Hall 123

Mechanics of motility: from unicellular organisms to tissues

Mohd Suhail Rizvi

Université Grenoble Alpes and CNRS, France

Motility is an essential characteristic of many biological cells. For unicellular organisms, such as bacteria, it is crucial for their survival. For the multicellular organisms it is required for many physiological functions, such as protection against pathogens by the immune cells, and also during embryonic development and in cancer metastasis.

Some of the unicellular organisms propel themselves by cyclic deformation of flagella. The small size of these organisms results in negligible inertial forces and the motion is described using Stokes flow.

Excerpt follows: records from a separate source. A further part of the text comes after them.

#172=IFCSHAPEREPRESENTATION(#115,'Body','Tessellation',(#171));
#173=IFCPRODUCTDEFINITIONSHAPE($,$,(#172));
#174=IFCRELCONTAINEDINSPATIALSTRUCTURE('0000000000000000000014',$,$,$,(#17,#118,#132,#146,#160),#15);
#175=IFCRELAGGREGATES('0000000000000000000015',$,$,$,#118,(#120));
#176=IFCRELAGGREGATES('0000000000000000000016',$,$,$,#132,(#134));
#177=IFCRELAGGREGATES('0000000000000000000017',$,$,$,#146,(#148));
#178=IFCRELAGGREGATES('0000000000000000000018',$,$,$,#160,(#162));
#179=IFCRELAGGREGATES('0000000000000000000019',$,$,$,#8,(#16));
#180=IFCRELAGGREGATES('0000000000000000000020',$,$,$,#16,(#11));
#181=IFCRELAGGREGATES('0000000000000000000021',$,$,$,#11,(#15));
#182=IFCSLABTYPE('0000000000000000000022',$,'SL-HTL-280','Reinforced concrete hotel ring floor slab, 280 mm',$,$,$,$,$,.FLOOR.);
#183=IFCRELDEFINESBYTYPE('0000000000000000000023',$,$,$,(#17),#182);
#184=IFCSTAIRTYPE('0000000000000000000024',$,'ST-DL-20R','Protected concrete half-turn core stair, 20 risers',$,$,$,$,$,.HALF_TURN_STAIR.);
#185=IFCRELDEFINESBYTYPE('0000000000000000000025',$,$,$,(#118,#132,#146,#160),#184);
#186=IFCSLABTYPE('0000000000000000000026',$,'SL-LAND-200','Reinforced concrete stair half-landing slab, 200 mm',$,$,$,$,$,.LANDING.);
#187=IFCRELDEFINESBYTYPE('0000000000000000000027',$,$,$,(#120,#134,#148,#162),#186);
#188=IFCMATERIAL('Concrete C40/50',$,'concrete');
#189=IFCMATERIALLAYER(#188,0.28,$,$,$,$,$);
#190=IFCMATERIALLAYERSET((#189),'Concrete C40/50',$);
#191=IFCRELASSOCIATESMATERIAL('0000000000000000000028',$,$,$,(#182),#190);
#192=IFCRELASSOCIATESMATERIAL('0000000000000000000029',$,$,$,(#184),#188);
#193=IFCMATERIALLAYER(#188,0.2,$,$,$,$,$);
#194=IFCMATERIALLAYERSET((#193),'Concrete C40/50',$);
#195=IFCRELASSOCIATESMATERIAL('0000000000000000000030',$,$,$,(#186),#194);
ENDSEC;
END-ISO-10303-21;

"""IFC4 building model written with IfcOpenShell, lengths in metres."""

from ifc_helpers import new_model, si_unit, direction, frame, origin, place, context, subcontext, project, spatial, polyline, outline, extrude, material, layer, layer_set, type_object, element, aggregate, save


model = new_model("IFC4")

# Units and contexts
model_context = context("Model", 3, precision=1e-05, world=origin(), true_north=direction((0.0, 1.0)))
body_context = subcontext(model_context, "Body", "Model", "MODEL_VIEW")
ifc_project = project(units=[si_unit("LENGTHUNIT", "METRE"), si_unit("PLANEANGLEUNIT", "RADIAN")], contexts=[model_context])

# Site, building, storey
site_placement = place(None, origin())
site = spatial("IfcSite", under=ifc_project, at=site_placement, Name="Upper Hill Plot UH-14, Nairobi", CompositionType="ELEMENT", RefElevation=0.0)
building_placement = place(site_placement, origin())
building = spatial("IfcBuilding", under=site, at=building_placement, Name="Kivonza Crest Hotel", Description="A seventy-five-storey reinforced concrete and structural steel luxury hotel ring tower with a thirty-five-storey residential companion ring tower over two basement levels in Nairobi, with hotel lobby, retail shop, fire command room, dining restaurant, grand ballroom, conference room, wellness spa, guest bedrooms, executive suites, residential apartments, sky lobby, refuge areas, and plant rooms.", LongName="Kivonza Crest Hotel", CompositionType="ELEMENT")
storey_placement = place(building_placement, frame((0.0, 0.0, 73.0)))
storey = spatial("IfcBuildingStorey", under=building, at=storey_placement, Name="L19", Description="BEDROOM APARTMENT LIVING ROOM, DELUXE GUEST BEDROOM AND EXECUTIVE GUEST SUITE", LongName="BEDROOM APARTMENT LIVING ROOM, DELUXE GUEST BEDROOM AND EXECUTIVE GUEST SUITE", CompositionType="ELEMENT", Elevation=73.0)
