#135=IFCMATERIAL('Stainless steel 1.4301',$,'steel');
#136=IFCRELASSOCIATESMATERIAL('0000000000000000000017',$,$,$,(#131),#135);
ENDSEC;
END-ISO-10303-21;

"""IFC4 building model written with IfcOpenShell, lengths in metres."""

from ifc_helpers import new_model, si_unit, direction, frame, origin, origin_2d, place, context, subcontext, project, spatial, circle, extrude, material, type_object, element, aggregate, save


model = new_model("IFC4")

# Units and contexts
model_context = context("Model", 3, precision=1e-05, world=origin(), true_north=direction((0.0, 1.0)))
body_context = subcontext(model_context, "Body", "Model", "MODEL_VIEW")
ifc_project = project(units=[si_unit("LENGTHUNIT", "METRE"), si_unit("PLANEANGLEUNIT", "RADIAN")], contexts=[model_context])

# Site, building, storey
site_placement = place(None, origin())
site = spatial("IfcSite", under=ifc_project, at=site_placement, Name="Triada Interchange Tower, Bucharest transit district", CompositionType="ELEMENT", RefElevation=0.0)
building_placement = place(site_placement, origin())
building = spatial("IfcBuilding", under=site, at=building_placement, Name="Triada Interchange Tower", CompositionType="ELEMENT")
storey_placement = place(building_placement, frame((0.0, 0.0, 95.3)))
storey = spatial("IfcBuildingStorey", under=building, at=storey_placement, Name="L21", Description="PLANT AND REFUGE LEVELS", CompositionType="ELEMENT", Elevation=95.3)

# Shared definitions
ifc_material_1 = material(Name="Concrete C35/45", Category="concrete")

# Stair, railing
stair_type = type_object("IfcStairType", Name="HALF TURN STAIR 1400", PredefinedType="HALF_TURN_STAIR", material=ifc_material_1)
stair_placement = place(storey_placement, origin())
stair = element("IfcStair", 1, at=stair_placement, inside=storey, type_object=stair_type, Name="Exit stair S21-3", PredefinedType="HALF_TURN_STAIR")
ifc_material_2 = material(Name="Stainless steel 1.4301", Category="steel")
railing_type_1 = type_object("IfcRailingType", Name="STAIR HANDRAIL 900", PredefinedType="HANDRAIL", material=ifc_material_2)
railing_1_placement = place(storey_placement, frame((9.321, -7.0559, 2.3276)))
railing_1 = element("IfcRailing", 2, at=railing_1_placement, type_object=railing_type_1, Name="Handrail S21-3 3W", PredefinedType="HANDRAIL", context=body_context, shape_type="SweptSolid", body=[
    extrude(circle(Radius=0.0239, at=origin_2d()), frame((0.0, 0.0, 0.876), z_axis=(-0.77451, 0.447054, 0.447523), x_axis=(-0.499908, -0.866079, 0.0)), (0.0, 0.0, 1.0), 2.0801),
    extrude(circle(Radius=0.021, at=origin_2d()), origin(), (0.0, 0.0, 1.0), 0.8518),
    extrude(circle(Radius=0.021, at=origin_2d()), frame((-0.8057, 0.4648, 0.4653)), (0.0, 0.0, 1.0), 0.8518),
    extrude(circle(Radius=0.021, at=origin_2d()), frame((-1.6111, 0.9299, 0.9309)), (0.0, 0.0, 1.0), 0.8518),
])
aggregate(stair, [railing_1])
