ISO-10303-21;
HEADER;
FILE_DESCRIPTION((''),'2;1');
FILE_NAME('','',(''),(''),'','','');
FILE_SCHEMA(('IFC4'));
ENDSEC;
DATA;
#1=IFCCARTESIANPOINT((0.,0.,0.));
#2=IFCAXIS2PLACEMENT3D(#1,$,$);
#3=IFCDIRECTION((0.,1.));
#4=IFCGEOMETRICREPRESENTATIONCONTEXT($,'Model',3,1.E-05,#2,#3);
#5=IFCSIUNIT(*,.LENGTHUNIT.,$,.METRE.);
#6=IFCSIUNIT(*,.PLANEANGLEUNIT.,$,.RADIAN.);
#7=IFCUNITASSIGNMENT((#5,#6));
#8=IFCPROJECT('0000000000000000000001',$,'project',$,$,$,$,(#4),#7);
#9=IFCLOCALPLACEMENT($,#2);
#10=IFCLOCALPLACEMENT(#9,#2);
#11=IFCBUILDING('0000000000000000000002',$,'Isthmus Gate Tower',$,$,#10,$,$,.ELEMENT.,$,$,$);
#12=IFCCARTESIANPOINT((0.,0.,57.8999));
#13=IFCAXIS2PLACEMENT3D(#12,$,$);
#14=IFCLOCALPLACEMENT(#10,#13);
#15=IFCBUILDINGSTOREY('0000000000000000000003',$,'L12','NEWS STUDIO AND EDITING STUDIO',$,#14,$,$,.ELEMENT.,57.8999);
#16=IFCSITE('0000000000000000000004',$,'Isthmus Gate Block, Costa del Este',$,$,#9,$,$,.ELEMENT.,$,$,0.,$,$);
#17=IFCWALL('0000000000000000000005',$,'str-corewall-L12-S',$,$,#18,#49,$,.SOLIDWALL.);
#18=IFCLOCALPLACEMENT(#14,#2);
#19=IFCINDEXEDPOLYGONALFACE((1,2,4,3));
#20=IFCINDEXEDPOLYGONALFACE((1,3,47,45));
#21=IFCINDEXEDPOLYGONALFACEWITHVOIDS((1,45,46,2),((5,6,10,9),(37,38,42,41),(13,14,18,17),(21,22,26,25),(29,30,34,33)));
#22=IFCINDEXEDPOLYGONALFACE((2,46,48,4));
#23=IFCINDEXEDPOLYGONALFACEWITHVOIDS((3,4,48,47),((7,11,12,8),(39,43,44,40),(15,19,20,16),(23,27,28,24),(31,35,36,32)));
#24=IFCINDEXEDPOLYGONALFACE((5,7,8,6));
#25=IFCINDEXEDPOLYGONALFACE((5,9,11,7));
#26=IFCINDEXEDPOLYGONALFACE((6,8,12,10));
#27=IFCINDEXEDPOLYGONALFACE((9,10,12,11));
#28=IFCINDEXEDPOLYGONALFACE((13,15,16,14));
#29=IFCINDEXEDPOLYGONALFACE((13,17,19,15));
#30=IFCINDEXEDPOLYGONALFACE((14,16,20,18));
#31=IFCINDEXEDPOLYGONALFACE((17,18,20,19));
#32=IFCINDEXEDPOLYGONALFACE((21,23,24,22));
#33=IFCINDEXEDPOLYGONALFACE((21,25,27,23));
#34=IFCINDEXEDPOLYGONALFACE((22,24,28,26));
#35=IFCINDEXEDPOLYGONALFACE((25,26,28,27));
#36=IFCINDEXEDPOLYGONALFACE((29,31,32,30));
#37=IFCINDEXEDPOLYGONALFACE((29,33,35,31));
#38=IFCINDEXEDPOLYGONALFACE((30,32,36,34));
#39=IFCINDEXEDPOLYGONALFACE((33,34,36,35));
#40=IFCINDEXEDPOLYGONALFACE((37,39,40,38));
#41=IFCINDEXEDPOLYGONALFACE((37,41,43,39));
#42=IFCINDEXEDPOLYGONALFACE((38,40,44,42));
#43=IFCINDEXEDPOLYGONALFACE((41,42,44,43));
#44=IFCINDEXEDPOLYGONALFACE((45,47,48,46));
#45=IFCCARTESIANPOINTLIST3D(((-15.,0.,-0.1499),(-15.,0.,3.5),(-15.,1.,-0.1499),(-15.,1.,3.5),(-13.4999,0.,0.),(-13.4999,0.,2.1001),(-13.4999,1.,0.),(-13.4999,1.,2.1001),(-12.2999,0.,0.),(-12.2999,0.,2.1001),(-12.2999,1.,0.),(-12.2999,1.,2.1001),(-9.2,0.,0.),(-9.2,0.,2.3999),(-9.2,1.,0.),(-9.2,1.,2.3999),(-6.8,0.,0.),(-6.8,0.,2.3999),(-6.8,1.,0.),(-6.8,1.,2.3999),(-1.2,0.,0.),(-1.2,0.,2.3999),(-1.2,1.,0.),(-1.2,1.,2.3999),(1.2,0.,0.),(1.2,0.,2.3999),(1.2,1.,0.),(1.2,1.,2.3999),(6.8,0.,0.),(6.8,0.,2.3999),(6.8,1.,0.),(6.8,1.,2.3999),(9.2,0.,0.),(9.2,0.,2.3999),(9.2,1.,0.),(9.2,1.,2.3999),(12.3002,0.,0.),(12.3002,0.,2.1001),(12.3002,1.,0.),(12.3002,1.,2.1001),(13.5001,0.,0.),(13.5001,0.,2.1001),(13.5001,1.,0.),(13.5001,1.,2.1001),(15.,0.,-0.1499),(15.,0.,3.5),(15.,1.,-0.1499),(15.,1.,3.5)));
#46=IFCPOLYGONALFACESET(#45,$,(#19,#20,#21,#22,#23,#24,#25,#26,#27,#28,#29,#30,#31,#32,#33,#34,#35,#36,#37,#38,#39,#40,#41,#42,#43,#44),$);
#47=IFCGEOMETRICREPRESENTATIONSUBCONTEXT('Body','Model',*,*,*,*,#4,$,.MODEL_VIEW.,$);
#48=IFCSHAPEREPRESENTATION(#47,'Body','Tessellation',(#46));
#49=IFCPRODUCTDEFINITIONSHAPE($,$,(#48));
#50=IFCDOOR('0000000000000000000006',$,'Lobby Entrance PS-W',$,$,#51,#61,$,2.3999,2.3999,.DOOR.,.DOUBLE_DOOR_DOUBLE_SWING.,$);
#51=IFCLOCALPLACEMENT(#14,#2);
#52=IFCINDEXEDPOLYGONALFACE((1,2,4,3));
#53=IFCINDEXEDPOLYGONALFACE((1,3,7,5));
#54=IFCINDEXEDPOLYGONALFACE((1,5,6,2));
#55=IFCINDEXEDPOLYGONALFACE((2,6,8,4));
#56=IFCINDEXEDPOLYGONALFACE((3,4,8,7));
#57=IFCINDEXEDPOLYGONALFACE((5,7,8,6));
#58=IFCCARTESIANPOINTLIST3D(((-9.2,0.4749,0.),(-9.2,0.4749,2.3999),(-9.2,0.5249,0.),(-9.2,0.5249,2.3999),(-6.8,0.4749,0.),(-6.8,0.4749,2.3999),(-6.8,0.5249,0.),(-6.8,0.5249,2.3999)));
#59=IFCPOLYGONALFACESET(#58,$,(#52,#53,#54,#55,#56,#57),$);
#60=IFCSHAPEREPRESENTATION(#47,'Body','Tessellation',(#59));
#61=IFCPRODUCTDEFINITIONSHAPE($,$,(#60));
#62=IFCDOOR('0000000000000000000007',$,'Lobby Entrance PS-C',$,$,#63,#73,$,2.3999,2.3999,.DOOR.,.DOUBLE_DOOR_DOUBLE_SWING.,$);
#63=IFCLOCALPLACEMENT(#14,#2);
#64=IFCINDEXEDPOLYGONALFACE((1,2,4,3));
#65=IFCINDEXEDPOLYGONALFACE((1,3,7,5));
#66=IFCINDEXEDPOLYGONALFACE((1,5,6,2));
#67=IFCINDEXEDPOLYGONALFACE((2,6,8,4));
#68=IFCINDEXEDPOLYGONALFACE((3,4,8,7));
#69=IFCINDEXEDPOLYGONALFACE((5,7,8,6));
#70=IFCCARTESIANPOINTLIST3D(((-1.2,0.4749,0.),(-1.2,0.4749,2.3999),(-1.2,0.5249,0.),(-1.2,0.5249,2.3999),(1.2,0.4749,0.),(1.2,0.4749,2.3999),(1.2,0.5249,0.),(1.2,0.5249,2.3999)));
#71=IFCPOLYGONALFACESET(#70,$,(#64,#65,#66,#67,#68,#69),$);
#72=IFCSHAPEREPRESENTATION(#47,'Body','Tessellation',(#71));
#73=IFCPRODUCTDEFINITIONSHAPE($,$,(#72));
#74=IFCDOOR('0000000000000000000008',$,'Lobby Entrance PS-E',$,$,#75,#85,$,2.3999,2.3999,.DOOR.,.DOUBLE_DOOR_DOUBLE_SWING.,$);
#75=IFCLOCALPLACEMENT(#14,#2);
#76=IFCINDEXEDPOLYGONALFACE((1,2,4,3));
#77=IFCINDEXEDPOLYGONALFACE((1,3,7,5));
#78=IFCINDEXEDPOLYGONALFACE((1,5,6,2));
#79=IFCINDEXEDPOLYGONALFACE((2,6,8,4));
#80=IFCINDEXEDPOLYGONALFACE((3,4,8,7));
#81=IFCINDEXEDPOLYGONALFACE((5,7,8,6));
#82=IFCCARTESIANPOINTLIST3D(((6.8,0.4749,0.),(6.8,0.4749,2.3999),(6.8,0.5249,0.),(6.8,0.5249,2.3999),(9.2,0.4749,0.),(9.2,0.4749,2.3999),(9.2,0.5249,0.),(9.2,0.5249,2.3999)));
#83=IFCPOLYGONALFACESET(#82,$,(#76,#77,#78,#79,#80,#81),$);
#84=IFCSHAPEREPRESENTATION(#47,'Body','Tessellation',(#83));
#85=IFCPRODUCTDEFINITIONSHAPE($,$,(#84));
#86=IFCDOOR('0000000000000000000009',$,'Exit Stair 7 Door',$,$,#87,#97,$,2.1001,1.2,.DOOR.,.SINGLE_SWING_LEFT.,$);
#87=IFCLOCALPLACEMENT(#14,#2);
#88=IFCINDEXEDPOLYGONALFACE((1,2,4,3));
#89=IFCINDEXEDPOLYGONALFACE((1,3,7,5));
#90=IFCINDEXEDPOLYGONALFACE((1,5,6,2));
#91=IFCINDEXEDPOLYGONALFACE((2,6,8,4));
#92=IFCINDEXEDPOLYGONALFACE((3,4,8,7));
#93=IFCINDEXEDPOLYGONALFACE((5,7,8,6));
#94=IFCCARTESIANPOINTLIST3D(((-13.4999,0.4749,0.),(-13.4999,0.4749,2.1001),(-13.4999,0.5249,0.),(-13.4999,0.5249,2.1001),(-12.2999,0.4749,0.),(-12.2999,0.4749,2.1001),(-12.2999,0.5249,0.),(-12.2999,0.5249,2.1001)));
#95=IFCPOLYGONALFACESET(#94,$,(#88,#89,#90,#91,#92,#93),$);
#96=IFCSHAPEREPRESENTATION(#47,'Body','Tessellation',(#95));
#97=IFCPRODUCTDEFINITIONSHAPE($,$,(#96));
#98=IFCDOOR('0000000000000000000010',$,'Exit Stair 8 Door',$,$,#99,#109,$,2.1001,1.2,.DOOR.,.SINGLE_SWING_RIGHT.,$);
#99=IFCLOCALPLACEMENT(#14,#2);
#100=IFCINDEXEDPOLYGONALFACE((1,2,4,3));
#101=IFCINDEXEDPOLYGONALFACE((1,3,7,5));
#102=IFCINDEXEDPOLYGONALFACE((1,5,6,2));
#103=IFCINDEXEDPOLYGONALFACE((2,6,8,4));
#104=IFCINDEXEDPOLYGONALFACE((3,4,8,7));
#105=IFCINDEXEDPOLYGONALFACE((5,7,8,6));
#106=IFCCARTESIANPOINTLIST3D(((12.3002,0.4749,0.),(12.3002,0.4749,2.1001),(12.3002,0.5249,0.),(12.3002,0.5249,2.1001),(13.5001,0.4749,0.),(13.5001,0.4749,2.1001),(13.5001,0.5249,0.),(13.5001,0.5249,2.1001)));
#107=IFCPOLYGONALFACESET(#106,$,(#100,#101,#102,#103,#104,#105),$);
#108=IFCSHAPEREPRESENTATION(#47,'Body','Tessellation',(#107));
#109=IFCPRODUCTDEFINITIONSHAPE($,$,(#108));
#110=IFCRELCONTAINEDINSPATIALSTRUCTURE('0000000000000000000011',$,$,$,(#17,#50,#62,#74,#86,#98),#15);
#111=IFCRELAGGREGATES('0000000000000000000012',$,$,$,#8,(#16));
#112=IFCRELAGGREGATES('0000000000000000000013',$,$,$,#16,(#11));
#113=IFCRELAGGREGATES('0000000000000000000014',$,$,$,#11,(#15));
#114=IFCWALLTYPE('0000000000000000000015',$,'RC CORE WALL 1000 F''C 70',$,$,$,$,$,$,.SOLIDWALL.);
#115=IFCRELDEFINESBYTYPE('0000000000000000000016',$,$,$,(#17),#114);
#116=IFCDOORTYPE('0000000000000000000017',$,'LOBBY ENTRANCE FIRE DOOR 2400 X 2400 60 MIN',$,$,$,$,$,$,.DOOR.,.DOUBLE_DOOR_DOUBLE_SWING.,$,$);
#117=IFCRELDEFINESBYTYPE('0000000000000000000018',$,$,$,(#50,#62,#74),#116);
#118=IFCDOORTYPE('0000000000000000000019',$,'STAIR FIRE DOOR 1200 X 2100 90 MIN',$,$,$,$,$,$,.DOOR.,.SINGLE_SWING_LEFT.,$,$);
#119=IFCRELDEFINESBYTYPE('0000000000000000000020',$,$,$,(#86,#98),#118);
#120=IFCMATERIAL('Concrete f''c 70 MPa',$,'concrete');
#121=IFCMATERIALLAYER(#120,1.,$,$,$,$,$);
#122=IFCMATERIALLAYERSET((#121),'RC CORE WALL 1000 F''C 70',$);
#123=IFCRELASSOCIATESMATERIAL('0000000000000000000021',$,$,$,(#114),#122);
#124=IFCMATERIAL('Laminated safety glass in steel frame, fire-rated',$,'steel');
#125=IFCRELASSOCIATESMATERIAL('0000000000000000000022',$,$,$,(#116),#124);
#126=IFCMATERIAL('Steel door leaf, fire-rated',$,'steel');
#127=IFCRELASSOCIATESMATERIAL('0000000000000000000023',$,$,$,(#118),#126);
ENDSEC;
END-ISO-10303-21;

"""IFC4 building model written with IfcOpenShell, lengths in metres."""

from ifc_helpers import new_model, si_unit, direction, frame, frame_2d, origin, place, context, subcontext, project, spatial, rectangle, extrude, material, layer, layer_set, type_object, element, fill, save


model = new_model("IFC4")

# Units and contexts
model_context = context("Model", 3, precision=1e-05, world=origin(), true_north=direction((0.0, 1.0)))
body_context = subcontext(model_context, "Body", "Model", "MODEL_VIEW")
ifc_project = project(units=[si_unit("LENGTHUNIT", "METRE"), si_unit("PLANEANGLEUNIT", "RADIAN")], contexts=[model_context])

# Site, building, storey
site_placement = place(None, origin())
site = spatial("IfcSite", under=ifc_project, at=site_placement, Name="Isthmus Gate Block, Costa del Este", CompositionType="ELEMENT", RefElevation=0.0)
building_placement = place(site_placement, origin())
building = spatial("IfcBuilding", under=site, at=building_placement, Name="Isthmus Gate Tower", CompositionType="ELEMENT")
storey_placement = place(building_placement, frame((0.0, 0.0, 57.8999)))
storey = spatial("IfcBuildingStorey", under=building, at=storey_placement, Name="L12", Description="NEWS STUDIO AND EDITING STUDIO", CompositionType="ELEMENT", Elevation=57.8999)

# Wall, openings, doors
ifc_material_1 = material(Name="Concrete f'c 70 MPa", Category="concrete")
ifc_layer_1 = layer(ifc_material_1, 1.0)
ifc_layer_set_1 = layer_set([ifc_layer_1], Name="RC CORE WALL 1000 F'C 70")
wall_type_1 = type_object("IfcWallType", Name="RC CORE WALL 1000 F'C 70", PredefinedType="SOLIDWALL", material=ifc_layer_set_1)
wall_1_placement = place(storey_placement, frame((-15.0, 0.5, -0.1499), z_axis=(0.0, 0.0, 1.0), x_axis=(1.0, 0.0, 0.0)))
wall_1 = element("IfcWall", 1, at=wall_1_placement, inside=storey, type_object=wall_type_1, Name="str-corewall-L12-S", PredefinedType="SOLIDWALL", context=body_context, shape_type="SweptSolid", body=[
    extrude(rectangle(XDim=30.0, YDim=1.0, at=frame_2d((15.0, 0.0))), origin(), (0.0, 0.0, 1.0), 3.6499),
])
opening_1_placement = place(wall_1_placement, frame((5.8, 0.0, 0.1499)))
opening_1 = element("IfcOpeningElement", 2, at=opening_1_placement, cuts=wall_1, PredefinedType="OPENING", context=body_context, shape_type="SweptSolid", body=[
    extrude(rectangle(XDim=2.3999, YDim=2.3999, at=frame_2d((1.2, 1.2))), frame((0.0, 0.51, 0.0), z_axis=(0.0, -1.0, 0.0), x_axis=(1.0, 0.0, 0.0)), (0.0, 0.0, 1.0), 1.02),
])
opening_2_placement = place(wall_1_placement, frame((13.8, 0.0, 0.1499)))
opening_2 = element("IfcOpeningElement", 3, at=opening_2_placement, cuts=wall_1, PredefinedType="OPENING", context=body_context, shape_type="SweptSolid", body=[
    extrude(rectangle(XDim=2.3999, YDim=2.3999, at=frame_2d((1.2, 1.2))), frame((0.0, 0.51, 0.0), z_axis=(0.0, -1.0, 0.0), x_axis=(1.0, 0.0, 0.0)), (0.0, 0.0, 1.0), 1.02),
])
opening_3_placement = place(wall_1_placement, frame((21.8, 0.0, 0.1499)))
opening_3 = element("IfcOpeningElement", 4, at=opening_3_placement, cuts=wall_1, PredefinedType="OPENING", context=body_context, shape_type="SweptSolid", body=[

Recently, immune cells have also been shown to move in fluid by similar mechanism where shape changes provide cell propulsion. This motion which does not require any support from solid substrate has been labelled “amoeboid swimming”. We have developed theoretical models to study the mechanical principles governing the amoeboid and flagellar swimming. Using these models and numerical simulations we have studied the cell swimming under external fields (forces and flows) and the role of hydrodynamic and ligand-receptor based interactions of amoeboid swimmers with substrates on their motility. We have found that the presence of swimmers in a suspension results in its non-Newtonian rheological properties. Unlike force-dipole based rigid swimmers, the suspensions of deformable amoeboid swimmers show a shear-thinning as well as shear-thickening behaviors.

Another example of cell motion is collective cell migration which is essential during animal development and in conditions such as wound healing. I will show an example of the regulation of the collective cell migration in the epithelial tissues during development. The motion of cells in tissues has another layer of complexity which arises from its regulation by the genetic machinery. I will show how the subcellular proteins affect the mechanical properties of the epithelial tissues and their movements.